第19章 【番外編】マツノトクエスト 第十八章
「そりゃ、ぼくだって出来る事なら遠慮したかったけど仕方ないでしょ? 呪いって言われたら怖いしタダなら別にキスくらいいいかなって思うじゃん?」
「うっさいわ、このドライモンスターめ! 記憶戻ってからめっちゃ頼りになるなとか感謝してた私の純粋な心を返せコラぁ!!」
「俺はトド松とは理由が違ったけどな、ナス子はパーティの仲間でもあるし一応伝説の乙女でもある訳だから試してみたと言うか」
「一応って言葉も余計っすよね、カラ松」
トド松、カラ松を交互に見て目を据わらせているおそ松。
じゃあキスしようと言う流れには中々なってもらえない。
「いやぁ、確かにタダだし伝説の乙女ではあるけどさ~……寧ろ逆に金もらいたい方じゃね? あ、とか言って俺とキスしたいだけとか? なははは」
「おいいいいいぃ! ムっカつく!!」
「ナス子姉、いっそお金払ってキスしちゃえば?」
「はぁ!? ヤダよ! 記憶は戻したいけどこうまで言われてしようとは思わないねっ!」
この先を進めるにも本当はここで唇を重ねる儀式をした方がいいという事はわかる。
でもほんっきでムカつくこの男。
そう思うとなんで自分はこんなに必死になってるのかと馬鹿馬鹿しくなるし、旅の間だって……まぁ、優しい時もあったけど扱い酷いし未だ私の名前も呼ばないし、認められてない感じがしてムカつくどころか悲しくもなってくる。

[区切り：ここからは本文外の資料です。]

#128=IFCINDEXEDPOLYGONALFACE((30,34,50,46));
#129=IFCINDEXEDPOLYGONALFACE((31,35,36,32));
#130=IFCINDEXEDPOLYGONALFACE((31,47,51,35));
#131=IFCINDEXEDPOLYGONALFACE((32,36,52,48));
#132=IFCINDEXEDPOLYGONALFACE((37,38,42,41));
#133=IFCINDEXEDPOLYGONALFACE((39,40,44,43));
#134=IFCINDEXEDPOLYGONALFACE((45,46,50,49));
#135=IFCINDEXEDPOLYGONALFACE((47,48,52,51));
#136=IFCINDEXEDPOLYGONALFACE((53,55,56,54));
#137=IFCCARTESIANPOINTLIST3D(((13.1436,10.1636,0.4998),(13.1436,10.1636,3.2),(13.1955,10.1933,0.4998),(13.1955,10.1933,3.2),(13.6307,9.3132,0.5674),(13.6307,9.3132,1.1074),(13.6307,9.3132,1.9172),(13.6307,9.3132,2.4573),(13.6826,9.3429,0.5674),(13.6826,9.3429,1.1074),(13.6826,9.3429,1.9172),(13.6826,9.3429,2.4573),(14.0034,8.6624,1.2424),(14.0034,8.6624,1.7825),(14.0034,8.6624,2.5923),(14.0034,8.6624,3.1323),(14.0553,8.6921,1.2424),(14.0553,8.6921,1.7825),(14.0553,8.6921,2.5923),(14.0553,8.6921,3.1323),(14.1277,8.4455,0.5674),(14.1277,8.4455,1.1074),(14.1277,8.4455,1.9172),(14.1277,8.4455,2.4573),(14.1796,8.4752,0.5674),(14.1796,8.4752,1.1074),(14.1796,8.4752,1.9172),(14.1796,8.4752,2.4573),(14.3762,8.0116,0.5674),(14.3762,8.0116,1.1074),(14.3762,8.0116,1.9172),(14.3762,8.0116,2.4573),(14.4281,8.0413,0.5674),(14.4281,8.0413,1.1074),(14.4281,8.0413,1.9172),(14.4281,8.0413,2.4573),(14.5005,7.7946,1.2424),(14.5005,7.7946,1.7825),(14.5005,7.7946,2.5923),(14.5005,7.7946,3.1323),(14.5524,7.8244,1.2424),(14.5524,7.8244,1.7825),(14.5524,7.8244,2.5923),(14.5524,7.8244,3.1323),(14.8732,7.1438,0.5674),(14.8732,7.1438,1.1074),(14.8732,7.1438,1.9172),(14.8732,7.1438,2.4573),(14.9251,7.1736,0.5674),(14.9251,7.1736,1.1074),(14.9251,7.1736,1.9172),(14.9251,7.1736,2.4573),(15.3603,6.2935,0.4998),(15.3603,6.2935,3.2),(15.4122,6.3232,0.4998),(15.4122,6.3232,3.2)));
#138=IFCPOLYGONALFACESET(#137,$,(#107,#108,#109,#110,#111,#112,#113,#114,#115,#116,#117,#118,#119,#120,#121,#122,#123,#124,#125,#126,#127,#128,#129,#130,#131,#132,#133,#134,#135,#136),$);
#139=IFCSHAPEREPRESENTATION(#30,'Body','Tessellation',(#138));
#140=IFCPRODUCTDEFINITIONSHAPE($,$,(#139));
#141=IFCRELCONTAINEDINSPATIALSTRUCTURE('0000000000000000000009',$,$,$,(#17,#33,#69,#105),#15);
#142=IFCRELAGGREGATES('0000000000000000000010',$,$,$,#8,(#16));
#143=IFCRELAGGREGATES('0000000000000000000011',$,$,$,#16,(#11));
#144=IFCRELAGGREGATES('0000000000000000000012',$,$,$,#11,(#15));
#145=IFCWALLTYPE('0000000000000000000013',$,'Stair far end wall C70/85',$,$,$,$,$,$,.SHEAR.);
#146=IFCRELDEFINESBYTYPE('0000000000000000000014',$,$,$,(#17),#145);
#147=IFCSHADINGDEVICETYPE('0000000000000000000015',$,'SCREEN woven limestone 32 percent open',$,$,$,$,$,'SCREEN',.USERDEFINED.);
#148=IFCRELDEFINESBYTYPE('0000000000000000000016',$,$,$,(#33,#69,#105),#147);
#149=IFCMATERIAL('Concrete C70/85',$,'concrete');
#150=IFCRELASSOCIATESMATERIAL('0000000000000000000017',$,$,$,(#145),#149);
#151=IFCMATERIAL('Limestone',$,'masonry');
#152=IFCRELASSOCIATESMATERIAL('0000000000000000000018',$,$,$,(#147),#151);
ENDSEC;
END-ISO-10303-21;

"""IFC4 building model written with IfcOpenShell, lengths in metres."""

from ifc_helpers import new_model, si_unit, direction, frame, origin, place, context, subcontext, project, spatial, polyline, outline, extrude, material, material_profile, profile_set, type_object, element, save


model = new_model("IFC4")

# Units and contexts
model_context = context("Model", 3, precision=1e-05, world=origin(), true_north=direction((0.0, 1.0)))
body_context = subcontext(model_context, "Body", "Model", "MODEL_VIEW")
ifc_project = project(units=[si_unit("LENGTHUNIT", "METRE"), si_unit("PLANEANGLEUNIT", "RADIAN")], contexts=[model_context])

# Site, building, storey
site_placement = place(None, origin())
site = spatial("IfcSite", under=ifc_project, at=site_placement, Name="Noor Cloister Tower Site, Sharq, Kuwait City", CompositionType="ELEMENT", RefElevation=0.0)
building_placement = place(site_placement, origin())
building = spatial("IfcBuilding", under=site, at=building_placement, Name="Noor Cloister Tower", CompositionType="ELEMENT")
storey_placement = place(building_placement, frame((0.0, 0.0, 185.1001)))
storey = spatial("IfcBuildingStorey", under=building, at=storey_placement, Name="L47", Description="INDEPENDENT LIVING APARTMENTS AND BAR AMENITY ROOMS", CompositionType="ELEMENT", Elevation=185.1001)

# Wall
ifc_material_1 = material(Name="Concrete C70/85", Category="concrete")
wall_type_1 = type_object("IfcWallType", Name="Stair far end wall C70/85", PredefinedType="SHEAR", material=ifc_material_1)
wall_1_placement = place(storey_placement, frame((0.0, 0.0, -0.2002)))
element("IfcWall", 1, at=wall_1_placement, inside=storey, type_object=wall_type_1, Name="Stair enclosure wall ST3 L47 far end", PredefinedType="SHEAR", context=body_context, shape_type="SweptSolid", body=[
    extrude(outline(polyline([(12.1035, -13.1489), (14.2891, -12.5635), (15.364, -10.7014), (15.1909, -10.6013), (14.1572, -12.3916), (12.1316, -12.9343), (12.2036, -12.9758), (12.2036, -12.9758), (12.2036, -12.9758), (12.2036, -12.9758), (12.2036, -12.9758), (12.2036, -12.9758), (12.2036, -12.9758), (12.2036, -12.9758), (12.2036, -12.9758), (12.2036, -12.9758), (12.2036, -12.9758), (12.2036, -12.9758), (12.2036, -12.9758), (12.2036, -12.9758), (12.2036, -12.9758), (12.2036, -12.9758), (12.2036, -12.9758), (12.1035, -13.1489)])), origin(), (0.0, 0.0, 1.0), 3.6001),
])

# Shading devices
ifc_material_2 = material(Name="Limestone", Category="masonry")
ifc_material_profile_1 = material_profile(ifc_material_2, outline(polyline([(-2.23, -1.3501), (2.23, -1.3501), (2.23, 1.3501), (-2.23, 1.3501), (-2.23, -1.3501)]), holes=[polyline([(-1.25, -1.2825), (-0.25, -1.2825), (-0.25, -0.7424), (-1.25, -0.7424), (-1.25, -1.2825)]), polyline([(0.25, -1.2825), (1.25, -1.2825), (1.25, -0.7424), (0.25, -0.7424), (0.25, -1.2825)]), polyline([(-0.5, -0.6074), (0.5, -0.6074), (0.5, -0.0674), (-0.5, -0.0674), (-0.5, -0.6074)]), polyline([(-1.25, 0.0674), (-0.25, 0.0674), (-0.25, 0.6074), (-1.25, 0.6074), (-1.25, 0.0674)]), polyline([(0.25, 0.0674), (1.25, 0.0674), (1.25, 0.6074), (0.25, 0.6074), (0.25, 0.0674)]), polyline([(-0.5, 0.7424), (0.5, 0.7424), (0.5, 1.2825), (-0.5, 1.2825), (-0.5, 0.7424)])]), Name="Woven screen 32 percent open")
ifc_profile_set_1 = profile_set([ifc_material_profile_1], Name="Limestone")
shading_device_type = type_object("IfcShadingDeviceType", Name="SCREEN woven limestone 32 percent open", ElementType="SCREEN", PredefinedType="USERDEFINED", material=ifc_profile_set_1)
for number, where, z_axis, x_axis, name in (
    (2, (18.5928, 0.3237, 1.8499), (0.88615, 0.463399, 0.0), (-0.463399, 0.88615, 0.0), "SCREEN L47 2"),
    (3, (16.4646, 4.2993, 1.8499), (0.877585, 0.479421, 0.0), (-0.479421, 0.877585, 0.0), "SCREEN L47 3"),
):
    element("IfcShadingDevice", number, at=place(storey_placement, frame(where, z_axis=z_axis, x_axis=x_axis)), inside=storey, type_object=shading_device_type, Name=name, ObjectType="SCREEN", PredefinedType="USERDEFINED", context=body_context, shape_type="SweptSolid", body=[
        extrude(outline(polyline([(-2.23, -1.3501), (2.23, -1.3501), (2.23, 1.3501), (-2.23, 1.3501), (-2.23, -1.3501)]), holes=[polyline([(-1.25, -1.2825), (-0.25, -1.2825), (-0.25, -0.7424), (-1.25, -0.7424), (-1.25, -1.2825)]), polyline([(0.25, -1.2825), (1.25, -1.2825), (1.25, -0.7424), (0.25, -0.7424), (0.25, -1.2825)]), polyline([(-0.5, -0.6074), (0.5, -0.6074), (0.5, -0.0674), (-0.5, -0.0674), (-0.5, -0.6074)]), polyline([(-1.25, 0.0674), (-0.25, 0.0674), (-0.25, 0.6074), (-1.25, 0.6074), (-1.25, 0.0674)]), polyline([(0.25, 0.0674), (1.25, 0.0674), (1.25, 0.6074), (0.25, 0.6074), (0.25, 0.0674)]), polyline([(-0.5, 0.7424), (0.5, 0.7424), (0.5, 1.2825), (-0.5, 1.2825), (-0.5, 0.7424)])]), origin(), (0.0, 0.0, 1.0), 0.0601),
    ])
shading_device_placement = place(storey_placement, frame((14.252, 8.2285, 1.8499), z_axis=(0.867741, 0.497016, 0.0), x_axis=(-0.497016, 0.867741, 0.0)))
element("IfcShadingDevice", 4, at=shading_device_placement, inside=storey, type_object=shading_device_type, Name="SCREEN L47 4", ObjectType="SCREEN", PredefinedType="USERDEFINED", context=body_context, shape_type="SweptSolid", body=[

「もういい!! 知らないっ! 一生忘れたままでいろクソニートがぁぁっ!!」
「あ、ナス子姉っ」
なんだかその悲しさの所為で泣きそうになってしまい、だからと言って勇者おそ松の前でなんか絶対に涙を流すのも嫌で私はベットから降りると扉へ向かい、部屋の外に出て行った。